12-04, 11:30–12:00 (UTC), Data/ Data Science Track
To apply or not to apply, that is the question.
Causal reasoning elevates predictive outcomes by shifting from “what happened” to “what would happen if”. Yet, implementing causality can be challenging or even infeasible in some contexts. This talk explores how the very act of assessing its applicability can add value to your projects. Through a gentle introduction to causal inference tools and practical use cases, you will learn how to bring greater scientific rigour to real-world problems.
Target audience: Practicing and aspiring data scientists, machine learning engineers, and analysts looking to improve their decision-making with causal inference.
No prior knowledge is assumed.
For the seasoned practitioners I hope to shine light on aspects that may not have been considered. 💡
Can't make the talk? Read all about it in my new TDS article: 🧠🧹 Causality — Mental Hygiene for Data Science
This talk aims to provide practitioners with a practical understanding of causal reasoning and its applications in real-world projects. It moves beyond the hype surrounding causal inference (CI) as the "next big thing" and encourages a critical assessment of its strengths and limitations.
Outline
- Introduction: The Allure and the Reality of Causality
- Case Study: A Paradox in Machine Learning
- Causal Graphs
- as Blueprints for Causal Thinking
- Building by Causal Discovery
- Assessing Applicability with Identifiability
- Summary and Resources
Central Thesis
Although causal inference techniques have immense potential, their practical application requires careful consideration of context and limitations. The act of engaging in causality is valuable in its own right, promoting a more rigorous and insightful approach to a project. In particular, "causal thinking" through Causal Graph construction and critical assessment of assumptions, is a mental exercise that enhances project rigour which may lead to a deeper understanding of what is possible with the data.
In Detail
A key focus will be on Directed Acyclic Graphs (DAGs) as powerful tools for causal thinking. They provide a visual aid of the data generation process, mapping out the relationships between different parameters and their dependencies. We'll examine how DAGs can articulate the understanding of a system. A second focus will be on Identifiability a process of identifying minimum sets of parameters required to answer specific questions about cause and effect.
Key Takeaways
This talk will equip you with a practical framework for:
- Building a DAG as a visualisation tool to communicate your understanding of the data generation process and assess the level of control you have over the system being studied.
- Using Identifiability on a DAG to assess the applicability of CI to your own projects, considering factors like data availability, project goals.

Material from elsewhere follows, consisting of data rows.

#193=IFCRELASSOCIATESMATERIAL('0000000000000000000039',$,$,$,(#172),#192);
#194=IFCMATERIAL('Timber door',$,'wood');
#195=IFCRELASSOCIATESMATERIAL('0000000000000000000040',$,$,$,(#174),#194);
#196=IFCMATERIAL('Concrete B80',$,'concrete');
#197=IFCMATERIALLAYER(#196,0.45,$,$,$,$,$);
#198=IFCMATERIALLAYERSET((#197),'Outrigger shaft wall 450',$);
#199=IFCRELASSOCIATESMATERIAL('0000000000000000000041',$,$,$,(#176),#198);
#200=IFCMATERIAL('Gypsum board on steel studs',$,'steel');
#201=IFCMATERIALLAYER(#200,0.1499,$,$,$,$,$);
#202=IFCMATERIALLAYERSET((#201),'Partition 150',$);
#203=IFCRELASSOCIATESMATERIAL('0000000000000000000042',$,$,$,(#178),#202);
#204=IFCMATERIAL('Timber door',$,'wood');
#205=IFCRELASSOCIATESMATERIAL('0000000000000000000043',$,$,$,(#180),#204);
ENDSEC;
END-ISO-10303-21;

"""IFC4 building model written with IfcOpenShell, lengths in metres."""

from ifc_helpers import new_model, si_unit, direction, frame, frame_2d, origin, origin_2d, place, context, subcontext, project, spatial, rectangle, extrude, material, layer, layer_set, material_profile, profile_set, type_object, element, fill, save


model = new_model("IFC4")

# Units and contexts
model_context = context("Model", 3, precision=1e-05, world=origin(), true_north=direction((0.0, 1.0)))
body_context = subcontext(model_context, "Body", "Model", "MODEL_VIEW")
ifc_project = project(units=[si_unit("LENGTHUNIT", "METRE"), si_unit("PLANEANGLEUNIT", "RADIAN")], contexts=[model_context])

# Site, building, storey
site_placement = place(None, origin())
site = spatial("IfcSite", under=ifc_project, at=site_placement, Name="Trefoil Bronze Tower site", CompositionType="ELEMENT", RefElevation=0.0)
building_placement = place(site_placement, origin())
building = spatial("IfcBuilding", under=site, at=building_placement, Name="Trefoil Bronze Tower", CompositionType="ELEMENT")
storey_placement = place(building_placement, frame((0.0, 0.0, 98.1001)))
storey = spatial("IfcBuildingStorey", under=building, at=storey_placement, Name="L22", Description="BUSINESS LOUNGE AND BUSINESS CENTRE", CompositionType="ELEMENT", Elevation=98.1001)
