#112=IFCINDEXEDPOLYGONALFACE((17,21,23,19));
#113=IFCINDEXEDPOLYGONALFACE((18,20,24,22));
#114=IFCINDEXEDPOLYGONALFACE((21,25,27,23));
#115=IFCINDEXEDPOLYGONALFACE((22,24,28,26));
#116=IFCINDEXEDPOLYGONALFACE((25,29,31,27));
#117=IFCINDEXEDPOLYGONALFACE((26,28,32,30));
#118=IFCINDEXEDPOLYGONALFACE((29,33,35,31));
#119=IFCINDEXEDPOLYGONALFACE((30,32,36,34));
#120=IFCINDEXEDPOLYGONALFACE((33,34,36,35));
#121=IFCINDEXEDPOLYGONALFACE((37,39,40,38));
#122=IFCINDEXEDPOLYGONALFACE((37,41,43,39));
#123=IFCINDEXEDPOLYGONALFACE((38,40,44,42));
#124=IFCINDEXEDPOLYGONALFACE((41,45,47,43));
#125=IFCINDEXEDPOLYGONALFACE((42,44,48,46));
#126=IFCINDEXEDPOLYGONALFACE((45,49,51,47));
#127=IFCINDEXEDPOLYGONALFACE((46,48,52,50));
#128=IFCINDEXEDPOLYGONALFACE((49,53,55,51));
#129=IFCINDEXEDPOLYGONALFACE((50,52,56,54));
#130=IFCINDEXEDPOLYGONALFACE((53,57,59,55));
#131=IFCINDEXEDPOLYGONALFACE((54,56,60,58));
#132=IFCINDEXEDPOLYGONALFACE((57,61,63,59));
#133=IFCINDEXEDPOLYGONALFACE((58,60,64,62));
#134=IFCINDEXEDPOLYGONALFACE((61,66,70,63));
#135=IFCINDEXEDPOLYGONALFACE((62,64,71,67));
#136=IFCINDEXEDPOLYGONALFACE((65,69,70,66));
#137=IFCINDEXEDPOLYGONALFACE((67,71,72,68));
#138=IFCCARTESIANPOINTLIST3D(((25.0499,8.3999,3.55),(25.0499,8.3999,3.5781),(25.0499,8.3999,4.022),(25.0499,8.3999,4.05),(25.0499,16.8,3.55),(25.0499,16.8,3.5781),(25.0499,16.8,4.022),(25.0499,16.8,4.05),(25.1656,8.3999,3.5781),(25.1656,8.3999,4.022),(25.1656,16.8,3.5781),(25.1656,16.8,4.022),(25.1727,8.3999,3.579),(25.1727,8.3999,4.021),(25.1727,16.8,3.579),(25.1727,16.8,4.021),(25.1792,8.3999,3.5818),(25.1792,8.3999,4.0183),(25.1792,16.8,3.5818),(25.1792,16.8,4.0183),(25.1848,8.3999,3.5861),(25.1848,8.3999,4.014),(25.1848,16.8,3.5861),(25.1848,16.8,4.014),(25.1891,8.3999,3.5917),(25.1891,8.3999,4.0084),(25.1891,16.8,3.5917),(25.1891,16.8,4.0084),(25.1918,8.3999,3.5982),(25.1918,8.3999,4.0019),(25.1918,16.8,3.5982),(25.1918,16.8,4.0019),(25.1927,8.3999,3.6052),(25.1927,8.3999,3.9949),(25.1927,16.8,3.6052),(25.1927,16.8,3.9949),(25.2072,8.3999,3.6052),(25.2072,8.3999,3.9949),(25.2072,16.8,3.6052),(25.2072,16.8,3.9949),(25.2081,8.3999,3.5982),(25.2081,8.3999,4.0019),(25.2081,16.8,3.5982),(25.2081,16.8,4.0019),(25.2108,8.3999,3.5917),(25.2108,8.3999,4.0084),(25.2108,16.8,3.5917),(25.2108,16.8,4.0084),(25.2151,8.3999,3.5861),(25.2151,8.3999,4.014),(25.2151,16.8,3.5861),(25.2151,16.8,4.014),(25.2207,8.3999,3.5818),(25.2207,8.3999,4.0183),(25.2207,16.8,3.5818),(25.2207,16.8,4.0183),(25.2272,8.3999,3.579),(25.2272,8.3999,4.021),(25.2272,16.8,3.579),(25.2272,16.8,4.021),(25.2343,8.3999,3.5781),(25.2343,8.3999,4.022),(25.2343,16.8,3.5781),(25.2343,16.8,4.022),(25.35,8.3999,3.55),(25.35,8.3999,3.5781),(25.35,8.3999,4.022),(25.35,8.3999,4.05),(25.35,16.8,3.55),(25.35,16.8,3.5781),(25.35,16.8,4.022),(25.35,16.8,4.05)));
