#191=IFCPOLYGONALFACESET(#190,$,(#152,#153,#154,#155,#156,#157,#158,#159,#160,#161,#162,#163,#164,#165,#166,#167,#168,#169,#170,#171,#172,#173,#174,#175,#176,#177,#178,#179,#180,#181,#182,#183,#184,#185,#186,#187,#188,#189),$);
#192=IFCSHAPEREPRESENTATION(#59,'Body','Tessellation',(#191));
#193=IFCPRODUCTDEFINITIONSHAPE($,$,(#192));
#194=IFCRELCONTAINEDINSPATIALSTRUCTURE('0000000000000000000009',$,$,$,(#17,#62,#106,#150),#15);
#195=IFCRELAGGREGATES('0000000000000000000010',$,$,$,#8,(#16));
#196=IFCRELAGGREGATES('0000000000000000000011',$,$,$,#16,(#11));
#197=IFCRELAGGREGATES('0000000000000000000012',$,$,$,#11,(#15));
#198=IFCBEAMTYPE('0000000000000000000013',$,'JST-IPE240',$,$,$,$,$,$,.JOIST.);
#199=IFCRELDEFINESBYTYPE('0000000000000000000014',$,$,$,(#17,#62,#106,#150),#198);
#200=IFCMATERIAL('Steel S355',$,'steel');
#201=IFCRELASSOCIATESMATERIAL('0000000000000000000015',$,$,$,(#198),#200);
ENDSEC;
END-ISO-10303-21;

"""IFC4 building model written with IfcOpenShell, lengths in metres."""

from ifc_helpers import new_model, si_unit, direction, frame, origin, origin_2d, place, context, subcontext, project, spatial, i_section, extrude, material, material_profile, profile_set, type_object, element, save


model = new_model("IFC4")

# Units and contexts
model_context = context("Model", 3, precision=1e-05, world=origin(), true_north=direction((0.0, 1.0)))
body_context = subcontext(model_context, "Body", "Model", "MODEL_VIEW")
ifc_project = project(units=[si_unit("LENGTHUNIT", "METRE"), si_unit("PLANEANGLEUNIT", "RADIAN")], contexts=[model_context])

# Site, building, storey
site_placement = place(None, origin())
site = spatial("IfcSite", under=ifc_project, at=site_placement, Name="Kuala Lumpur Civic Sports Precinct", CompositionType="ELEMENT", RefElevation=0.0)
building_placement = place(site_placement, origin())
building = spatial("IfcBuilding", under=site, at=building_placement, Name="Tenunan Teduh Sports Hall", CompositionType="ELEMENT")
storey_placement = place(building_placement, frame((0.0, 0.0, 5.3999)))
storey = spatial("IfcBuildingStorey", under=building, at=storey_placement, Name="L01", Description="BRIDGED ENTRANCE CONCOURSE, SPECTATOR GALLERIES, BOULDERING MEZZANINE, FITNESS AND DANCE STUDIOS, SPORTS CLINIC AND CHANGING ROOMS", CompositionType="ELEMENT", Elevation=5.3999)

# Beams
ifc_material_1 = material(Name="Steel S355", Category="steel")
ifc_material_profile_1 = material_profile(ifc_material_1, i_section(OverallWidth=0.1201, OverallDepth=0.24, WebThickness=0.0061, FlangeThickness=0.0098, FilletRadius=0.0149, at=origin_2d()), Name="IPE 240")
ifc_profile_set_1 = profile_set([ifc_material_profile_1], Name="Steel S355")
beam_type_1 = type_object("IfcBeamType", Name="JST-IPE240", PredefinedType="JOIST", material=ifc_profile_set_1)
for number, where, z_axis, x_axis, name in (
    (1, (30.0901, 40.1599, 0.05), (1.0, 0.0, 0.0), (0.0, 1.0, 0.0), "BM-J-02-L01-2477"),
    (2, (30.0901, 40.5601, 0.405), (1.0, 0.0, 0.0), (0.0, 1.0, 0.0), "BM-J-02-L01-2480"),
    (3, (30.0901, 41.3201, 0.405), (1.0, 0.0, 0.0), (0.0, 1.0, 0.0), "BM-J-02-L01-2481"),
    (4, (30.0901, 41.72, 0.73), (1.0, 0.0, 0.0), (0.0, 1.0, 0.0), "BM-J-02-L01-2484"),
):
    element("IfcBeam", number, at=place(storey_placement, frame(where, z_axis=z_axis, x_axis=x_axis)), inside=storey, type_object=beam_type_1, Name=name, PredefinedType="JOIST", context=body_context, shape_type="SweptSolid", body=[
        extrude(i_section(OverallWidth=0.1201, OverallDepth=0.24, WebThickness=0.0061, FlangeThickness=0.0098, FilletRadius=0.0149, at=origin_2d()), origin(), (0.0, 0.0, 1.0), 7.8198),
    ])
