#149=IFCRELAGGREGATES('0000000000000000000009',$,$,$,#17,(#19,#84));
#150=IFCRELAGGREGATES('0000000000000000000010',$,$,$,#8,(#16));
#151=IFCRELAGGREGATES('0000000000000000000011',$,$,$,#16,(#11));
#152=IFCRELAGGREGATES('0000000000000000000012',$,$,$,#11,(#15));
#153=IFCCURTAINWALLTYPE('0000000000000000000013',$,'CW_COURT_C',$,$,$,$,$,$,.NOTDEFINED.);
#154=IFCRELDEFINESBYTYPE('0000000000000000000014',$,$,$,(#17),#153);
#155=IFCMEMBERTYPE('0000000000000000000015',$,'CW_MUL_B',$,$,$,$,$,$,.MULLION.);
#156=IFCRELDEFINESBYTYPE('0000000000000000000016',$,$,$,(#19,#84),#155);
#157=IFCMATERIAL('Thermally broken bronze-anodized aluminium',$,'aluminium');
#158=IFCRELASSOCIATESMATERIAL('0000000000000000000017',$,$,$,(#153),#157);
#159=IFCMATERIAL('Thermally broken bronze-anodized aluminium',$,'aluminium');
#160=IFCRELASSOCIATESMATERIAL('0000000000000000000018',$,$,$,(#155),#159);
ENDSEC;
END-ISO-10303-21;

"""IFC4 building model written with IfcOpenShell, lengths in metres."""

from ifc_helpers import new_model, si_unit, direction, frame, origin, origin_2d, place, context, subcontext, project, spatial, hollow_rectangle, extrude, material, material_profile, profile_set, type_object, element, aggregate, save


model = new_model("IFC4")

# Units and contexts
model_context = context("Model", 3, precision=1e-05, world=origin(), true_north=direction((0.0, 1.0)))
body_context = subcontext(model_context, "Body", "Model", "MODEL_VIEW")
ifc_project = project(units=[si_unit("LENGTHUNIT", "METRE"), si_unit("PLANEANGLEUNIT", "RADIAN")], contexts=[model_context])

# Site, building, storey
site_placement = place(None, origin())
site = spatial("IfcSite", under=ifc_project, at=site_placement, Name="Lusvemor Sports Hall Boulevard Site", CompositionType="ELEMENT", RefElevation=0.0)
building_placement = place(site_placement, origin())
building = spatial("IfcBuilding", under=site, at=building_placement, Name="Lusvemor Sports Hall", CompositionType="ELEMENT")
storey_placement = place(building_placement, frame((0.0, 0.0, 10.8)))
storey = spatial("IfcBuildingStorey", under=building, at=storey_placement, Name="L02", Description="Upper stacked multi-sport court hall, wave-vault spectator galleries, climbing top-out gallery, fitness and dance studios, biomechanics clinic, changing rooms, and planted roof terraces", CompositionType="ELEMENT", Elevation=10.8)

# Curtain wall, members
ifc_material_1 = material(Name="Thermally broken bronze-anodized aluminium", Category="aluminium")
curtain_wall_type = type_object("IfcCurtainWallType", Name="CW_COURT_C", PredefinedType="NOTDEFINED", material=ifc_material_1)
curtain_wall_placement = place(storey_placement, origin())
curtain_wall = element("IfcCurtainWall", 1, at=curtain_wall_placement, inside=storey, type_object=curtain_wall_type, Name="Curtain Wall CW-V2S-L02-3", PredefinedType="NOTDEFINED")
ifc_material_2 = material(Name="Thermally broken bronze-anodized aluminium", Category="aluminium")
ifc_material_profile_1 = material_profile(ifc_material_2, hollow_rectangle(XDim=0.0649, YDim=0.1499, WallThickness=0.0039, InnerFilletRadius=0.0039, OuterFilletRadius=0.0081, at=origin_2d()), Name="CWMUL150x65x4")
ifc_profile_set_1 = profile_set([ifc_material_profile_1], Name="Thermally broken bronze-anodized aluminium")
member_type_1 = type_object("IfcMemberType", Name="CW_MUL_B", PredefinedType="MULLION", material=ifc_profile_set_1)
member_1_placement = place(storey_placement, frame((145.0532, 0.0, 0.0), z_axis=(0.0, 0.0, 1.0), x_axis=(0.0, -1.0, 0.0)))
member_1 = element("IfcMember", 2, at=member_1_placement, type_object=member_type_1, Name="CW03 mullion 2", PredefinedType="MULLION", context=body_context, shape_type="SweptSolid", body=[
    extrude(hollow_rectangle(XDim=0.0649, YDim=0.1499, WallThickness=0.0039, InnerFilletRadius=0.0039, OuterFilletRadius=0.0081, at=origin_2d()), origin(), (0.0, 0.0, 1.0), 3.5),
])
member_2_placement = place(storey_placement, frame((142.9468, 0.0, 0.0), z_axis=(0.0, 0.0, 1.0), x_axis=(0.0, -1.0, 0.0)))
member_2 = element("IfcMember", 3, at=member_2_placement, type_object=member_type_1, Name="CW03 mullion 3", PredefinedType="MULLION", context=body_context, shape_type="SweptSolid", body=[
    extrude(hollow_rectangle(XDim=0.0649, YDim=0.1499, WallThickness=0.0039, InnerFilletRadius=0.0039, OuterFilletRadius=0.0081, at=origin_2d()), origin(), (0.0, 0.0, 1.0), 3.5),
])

By doing so you will embrace "causal thinking" as a mental hygiene practice that can benefit any data science project, even if formal CI techniques cannot be employed.
By the end of this talk, you'll have a nuanced understanding of CI, going beyond the hype to appreciate its true potential and limitations. You'll be better equipped to assess when it's is the right tool for the job, and you'll gain valuable insights into how "causal thinking" can enhance your work as a data scientist, especially with real-world data.
For related Towards Data Science publications see Eyal's Medium profile:
No previous knowledge expected
👋 Hi I'm Eyal. My superpower is simplifying the complex and turning data to ta-da!
I'm an Ex-cosmologist turned data scientist with over 15 years experience in solving challenging problems. I am motivated by intellectual challenges, highly detail oriented and love visualising data results to communicate insights for better decisions within organisations.
My main drive as a data scientist is applying scientific approaches that result in practical and clear solutions. To accomplish these, I use whatever works, be it statistical/causal inference, machine/deep learning or optimisation algorithms. Being result driven I have a passion for facilitating stakeholders to make data driven decisions by quantifying and communicating the impact of interventions to non-specialist audiences in an accessible manner.
My claim for fame is that between 2004-2014 I lived in four different continents within a span of a decade, including three tennis Grand Slam cities (NYC, Melbourne, London).